El presidente de la República Francesa asumió el martes una política basada en ayudas –más de 30 000 millones de euros recibirán las empresas– y recortes del gasto público.

Fue hace dos años. Toda una eternidad. Entre el discurso del candidato François Hollande en la localidad de Le Bourget (cerca de París) y su rueda de prensa como presidente de la República hay mucho más que diferencias sutiles: supone una auténtica ruptura.

El pasado martes 14 de enero, el jefe del Estado anunció su intención de continuar con la política económica puesta en marcha hace año y medio, al otorgar ayudas adicionales a las empresas por valor de 30 000 millones, mientras anuncia una nueva cura de austeridad.
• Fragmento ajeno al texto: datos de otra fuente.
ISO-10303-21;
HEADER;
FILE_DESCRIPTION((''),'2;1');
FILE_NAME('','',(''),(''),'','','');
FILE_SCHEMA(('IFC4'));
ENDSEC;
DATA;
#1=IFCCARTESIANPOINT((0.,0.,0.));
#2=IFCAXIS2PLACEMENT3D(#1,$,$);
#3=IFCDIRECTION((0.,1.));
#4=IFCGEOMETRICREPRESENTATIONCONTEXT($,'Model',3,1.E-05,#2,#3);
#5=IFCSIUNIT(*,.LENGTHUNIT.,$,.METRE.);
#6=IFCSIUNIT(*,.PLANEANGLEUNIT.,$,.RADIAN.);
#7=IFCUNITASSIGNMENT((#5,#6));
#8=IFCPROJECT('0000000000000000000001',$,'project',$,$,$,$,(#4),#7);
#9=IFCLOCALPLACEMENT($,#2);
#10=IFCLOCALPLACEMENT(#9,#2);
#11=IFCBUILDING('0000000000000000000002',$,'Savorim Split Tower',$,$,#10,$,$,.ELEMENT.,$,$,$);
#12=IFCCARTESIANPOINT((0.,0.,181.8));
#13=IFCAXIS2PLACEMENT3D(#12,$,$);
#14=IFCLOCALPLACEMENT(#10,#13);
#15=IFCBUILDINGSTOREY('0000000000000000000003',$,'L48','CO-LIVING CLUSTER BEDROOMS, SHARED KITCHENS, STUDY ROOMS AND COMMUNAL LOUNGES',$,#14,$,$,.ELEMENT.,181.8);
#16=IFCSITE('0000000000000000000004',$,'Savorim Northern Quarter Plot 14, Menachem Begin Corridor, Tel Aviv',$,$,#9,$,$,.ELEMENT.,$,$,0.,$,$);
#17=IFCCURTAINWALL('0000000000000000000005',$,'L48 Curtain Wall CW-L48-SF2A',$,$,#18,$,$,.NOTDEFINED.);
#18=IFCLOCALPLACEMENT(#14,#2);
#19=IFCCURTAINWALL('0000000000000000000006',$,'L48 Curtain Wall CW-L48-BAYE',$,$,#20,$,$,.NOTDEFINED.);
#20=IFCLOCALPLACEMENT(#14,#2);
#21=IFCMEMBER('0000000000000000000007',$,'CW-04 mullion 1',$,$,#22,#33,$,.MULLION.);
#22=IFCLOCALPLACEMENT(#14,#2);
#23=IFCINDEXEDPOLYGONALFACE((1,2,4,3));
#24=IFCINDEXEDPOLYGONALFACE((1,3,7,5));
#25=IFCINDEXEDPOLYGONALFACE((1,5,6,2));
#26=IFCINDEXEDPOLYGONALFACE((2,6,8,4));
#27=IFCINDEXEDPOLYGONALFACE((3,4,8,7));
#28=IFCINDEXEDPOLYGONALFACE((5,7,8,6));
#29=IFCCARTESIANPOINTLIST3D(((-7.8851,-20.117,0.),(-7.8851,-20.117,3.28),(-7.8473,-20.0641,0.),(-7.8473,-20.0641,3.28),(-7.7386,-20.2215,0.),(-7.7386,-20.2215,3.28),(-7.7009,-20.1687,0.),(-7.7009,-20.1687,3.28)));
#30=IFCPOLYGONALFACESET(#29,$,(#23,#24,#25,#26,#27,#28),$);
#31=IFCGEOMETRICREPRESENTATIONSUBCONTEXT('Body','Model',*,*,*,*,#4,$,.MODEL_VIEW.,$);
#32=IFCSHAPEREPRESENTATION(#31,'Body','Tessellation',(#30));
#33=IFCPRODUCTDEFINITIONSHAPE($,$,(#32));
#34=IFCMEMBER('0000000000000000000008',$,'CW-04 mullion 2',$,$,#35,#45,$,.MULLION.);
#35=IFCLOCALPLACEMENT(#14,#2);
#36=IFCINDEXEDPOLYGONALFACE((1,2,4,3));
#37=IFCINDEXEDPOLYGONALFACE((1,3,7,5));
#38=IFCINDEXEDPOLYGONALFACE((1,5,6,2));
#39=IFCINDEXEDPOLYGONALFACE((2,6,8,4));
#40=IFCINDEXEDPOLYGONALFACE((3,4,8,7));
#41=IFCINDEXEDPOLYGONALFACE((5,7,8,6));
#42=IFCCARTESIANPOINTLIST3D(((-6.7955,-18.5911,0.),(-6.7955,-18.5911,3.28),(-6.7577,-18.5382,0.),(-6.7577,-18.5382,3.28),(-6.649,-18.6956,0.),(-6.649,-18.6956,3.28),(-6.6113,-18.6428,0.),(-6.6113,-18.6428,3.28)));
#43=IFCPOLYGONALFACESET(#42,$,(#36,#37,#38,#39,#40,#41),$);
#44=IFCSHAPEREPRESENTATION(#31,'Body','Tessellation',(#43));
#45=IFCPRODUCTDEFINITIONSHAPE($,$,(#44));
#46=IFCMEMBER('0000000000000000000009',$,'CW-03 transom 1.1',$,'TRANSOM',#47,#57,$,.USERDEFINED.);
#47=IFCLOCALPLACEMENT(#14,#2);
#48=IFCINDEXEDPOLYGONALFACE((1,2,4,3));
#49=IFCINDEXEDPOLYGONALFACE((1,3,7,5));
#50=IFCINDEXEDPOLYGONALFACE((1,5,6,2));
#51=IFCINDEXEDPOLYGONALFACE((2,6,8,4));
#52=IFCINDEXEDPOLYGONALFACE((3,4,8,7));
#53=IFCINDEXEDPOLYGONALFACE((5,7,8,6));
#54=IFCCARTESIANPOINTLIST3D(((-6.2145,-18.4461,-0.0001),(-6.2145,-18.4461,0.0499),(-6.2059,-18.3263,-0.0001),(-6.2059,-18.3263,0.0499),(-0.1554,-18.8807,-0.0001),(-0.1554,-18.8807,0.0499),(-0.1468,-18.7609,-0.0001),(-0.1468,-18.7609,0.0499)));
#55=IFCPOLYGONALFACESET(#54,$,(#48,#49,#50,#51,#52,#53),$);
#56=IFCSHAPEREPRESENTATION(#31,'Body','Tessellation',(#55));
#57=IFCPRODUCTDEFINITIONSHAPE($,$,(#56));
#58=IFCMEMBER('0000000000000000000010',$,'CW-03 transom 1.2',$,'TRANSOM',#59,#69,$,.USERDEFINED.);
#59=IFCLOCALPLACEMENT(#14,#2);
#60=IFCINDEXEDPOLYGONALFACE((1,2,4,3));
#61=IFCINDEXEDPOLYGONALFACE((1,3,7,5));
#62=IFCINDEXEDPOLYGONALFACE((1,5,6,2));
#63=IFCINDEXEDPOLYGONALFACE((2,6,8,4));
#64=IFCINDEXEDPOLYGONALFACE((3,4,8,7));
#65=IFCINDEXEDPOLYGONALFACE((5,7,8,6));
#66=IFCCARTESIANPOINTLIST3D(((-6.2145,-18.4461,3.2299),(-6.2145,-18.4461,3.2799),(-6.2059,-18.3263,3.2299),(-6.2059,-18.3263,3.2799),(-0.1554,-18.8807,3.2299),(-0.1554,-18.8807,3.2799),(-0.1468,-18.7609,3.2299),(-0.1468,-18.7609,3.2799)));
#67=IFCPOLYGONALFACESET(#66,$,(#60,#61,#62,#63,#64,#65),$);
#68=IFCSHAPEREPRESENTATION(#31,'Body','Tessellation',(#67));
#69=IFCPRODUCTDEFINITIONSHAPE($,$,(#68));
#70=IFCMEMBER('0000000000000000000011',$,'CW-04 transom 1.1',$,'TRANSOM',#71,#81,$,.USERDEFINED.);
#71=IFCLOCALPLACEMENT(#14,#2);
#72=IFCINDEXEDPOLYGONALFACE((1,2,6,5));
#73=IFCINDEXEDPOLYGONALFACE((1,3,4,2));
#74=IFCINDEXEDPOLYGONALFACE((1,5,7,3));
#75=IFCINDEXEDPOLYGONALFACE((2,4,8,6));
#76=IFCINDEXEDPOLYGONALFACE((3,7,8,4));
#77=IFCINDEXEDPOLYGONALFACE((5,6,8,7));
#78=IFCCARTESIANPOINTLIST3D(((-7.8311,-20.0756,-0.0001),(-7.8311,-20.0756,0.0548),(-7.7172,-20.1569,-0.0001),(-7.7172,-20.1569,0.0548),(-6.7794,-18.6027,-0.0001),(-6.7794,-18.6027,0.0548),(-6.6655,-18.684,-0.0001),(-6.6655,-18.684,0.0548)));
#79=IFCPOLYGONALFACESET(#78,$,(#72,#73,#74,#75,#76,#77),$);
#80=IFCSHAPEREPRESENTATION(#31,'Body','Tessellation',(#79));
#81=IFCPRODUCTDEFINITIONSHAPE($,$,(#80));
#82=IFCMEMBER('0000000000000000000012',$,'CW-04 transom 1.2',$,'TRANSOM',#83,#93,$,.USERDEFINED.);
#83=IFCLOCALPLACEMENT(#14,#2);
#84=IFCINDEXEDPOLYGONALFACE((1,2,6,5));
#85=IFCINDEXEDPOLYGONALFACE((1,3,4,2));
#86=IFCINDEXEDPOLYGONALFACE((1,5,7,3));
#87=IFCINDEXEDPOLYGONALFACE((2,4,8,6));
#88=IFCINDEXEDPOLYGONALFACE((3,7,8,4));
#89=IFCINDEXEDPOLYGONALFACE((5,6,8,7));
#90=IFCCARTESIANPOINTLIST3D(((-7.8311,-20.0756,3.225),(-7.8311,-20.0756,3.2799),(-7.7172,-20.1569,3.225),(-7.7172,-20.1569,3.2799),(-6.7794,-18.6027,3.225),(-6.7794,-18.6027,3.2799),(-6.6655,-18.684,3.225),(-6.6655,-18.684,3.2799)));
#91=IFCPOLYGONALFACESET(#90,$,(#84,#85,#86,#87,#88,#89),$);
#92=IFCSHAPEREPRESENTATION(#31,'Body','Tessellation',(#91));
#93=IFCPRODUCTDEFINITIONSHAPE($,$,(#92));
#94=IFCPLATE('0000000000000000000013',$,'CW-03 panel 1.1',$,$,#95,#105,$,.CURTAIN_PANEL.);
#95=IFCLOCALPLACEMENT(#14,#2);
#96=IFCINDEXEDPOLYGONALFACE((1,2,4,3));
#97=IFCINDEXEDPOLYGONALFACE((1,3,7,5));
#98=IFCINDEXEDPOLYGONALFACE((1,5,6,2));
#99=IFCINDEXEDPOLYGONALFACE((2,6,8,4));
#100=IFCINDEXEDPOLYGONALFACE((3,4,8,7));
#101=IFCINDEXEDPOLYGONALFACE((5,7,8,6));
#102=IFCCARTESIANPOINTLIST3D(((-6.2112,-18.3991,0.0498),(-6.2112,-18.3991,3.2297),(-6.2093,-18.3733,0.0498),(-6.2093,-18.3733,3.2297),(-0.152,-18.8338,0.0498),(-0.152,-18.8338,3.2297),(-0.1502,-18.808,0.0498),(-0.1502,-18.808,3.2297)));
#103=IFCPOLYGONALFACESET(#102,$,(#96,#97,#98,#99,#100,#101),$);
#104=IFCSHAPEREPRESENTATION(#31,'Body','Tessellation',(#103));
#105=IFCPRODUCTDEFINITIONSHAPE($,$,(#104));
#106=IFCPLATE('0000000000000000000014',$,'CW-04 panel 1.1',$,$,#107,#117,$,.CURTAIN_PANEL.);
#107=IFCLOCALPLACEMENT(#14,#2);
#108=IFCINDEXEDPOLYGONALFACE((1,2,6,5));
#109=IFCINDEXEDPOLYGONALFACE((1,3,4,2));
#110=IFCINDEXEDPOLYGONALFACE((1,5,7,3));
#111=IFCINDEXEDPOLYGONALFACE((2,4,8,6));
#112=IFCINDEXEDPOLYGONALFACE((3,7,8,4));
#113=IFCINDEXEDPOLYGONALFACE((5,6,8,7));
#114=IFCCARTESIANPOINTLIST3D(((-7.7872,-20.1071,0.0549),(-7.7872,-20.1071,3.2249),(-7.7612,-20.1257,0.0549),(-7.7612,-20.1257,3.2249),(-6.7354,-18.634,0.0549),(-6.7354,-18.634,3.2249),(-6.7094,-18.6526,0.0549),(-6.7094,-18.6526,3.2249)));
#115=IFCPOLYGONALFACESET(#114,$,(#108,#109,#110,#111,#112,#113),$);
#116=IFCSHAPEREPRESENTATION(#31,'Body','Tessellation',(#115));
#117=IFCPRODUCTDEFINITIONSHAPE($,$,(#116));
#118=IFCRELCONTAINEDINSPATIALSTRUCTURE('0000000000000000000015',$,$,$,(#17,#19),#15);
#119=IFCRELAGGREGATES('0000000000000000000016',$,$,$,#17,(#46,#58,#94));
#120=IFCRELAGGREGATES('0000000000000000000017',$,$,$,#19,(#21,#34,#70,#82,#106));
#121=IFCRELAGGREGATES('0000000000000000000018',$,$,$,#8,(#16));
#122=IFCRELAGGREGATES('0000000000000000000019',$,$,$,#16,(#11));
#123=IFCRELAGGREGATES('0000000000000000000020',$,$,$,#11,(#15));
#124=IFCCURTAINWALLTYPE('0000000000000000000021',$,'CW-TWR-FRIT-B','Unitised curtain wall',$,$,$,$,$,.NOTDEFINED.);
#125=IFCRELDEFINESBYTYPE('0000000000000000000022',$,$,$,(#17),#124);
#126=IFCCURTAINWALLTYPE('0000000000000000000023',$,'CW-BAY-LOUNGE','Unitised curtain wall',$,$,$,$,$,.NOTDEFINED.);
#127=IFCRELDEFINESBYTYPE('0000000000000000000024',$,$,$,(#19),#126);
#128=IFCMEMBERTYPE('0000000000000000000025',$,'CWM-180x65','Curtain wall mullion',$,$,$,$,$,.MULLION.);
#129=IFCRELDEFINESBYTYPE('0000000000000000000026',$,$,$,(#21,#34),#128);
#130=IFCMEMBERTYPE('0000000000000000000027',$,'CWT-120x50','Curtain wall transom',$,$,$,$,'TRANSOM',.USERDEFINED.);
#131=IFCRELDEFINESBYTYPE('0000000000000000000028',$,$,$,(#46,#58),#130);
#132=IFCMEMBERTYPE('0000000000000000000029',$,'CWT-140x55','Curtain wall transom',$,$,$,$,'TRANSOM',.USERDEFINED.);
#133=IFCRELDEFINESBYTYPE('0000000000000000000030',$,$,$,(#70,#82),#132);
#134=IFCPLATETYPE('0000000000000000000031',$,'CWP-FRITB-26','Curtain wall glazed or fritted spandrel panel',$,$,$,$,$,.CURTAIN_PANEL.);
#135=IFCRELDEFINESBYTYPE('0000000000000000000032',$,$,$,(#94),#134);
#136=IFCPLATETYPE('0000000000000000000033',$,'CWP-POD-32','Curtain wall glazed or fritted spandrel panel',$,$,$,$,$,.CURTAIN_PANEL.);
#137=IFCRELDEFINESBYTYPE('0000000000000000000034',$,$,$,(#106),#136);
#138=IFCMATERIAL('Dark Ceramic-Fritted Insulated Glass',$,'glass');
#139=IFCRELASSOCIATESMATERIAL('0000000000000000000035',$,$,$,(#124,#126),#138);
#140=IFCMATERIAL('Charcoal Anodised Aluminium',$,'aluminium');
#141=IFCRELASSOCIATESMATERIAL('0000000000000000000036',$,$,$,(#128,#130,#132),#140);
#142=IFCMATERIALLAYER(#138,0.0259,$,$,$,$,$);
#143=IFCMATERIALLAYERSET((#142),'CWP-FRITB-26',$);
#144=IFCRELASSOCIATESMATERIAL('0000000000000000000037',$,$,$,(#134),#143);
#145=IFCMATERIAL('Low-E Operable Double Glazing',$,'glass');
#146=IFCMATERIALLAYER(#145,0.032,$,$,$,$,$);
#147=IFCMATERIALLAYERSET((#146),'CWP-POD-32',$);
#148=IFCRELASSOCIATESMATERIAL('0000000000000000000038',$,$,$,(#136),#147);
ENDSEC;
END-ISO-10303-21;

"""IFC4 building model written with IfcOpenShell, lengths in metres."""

from ifc_helpers import new_model, si_unit, direction, frame, origin, origin_2d, place, context, subcontext, project, spatial, rectangle, extrude, material, layer, layer_set, material_profile, profile_set, type_object, element, aggregate, save


model = new_model("IFC4")

# Units and contexts
model_context = context("Model", 3, precision=1e-05, world=origin(), true_north=direction((0.0, 1.0)))
body_context = subcontext(model_context, "Body", "Model", "MODEL_VIEW")
ifc_project = project(units=[si_unit("LENGTHUNIT", "METRE"), si_unit("PLANEANGLEUNIT", "RADIAN")], contexts=[model_context])

# Site, building, storey
site_placement = place(None, origin())
site = spatial("IfcSite", under=ifc_project, at=site_placement, Name="Savorim Northern Quarter Plot 14, Menachem Begin Corridor, Tel Aviv", CompositionType="ELEMENT", RefElevation=0.0)
building_placement = place(site_placement, origin())
building = spatial("IfcBuilding", under=site, at=building_placement, Name="Savorim Split Tower", CompositionType="ELEMENT")
storey_placement = place(building_placement, frame((0.0, 0.0, 181.8)))
storey = spatial("IfcBuildingStorey", under=building, at=storey_placement, Name="L48", Description="CO-LIVING CLUSTER BEDROOMS, SHARED KITCHENS, STUDY ROOMS AND COMMUNAL LOUNGES", CompositionType="ELEMENT", Elevation=181.8)

# Curtain wall
ifc_material_1 = material(Name="Dark Ceramic-Fritted Insulated Glass", Category="glass")
curtain_wall_type_1 = type_object("IfcCurtainWallType", Name="CW-TWR-FRIT-B", Description="Unitised curtain wall", PredefinedType="NOTDEFINED", material=ifc_material_1)
curtain_wall_1_placement = place(storey_placement, origin())
curtain_wall_1 = element("IfcCurtainWall", 1, at=curtain_wall_1_placement, inside=storey, type_object=curtain_wall_type_1, Name="L48 Curtain Wall CW-L48-SF2A", PredefinedType="NOTDEFINED")
ifc_material_2 = material(Name="Charcoal Anodised Aluminium", Category="aluminium")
Y todo ello, pese al riesgo de ruptura definitiva con una parte de su electorado.

En aras del «pacto de responsabilidad», al que se refirió en su discurso del 31 de diciembre, François Hollande prevé eliminar, de aquí a 2015, las cotizaciones familiares que pagan las empresas, lo que se traduce en unos 30 o 35 000 millones de euros. Y puesto que también pretende reducir el déficit público, ha anunciado un nuevo programa de reducción del gasto del Estado, de las colectividades sociales y de la Seguridad Social. En total, supone una rebaja en el gasto, en los próximos tres años, de 50 000 millones de euros. Una suma nada desdeñable, que se suma al recorte de 15 000 millones previsto para 2014.

Para muestra de la importancia de este « pacto », baste un botón. En primavera se presentará en el Parlamento un texto que recopilará dichas medidas, con las que el Gobierno se muestra comprometido. « No se trata de ir por otro camino, se trata de ir más rápido, de ir más lejos, de acelerar, de profundizar. En 2014, Francia no solo debe retomar la senda del crecimiento, que comienza a dibujarse, sino que este crecimiento ha de ser lo más vigoroso posible. Y solo lo conseguiremos con ayuda de todos y especialmente de las empresas, sin las que no puede haber creación en empleo a largo plazo », justificó François Hollande ante casi 600 periodistas en el Elíseo.

Desde su llegada al poder, en mayo de 2012, y especialmente desde el otoño de 2012 y con el anuncio del « pacto de competitividad » que permitió la rebaja impositiva a las empresas por valor de 20 000 millones, el presidente de la República ha optado por la política de la oferta, sin la cual hay que replantear los márgenes de las empresas para que creen más empleo. Sin embargo, es la primera vez que François Hollande lo asume abiertamente.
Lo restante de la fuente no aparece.